Rolf wurde totenbleich. Er erhob sich, der Stuhl rutschte ein ganzes Stück zurück, so heftig war die Bewegung.

»Ich habe Sie verstanden, gnädige Frau«, sagte er schwer. »Ich gehe.«

Auch Frau Hille erhob sich, aber sie schüttelte jetzt den Kopf und kam dicht an ihn heran.

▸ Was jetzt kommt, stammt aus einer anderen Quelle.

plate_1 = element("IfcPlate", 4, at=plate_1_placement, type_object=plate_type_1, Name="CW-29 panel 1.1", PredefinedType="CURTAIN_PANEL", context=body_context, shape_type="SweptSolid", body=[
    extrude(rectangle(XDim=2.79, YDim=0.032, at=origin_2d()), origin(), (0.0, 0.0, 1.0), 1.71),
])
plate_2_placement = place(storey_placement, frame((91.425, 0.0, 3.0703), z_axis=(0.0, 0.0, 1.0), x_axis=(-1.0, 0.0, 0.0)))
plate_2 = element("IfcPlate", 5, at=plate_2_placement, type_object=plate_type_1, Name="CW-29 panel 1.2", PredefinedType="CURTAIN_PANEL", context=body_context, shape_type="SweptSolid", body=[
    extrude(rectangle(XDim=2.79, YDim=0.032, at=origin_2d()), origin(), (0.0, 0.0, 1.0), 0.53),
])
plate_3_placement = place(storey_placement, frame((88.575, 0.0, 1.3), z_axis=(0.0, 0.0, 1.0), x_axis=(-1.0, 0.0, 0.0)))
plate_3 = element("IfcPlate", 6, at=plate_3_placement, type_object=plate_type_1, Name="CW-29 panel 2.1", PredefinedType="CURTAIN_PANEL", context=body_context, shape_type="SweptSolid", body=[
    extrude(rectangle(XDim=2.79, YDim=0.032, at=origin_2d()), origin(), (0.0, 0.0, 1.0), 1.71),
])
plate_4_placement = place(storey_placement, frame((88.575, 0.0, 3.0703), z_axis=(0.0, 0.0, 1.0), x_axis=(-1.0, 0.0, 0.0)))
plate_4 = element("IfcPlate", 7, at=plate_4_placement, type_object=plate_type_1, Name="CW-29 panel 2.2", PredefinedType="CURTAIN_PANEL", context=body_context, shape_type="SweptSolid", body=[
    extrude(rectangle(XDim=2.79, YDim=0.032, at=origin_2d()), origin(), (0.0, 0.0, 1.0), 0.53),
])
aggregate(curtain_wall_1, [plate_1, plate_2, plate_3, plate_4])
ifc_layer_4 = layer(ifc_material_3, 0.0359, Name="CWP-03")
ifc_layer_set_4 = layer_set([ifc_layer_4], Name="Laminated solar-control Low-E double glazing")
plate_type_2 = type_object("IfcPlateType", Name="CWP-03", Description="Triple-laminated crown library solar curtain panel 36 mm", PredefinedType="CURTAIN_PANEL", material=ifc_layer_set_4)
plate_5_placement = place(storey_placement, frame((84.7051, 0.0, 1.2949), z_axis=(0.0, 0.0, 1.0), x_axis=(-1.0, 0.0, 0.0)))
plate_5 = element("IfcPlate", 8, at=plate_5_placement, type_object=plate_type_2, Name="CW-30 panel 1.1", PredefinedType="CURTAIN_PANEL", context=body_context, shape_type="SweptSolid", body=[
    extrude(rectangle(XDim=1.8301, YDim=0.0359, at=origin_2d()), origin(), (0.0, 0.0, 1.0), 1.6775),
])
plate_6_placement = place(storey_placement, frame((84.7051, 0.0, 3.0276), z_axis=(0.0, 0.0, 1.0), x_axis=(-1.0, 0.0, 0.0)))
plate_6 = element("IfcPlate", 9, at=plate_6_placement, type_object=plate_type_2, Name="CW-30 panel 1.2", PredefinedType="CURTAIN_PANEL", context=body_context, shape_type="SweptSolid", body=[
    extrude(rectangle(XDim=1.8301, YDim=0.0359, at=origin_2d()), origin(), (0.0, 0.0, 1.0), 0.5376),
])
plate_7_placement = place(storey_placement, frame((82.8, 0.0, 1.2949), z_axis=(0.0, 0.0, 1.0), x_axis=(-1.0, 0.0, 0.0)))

»Sie sollen nicht mit Hass von hier fortgehen. Bleiben Sie noch, Herr Wittig, versuchen Sie, Ihr Vorurteil zu vergessen. Ich verwalte Moorhall selbst. Haben Sie Lust, mich heute Morgen zu begleiten? Wir haben Pferde genug, gute Tiere.«

»Reiten«, sagte der Mann, und seine Stimme war schwermütig. Er zögerte mit seiner Antwort, und als er schließlich nickte, geschah es fast widerstrebend.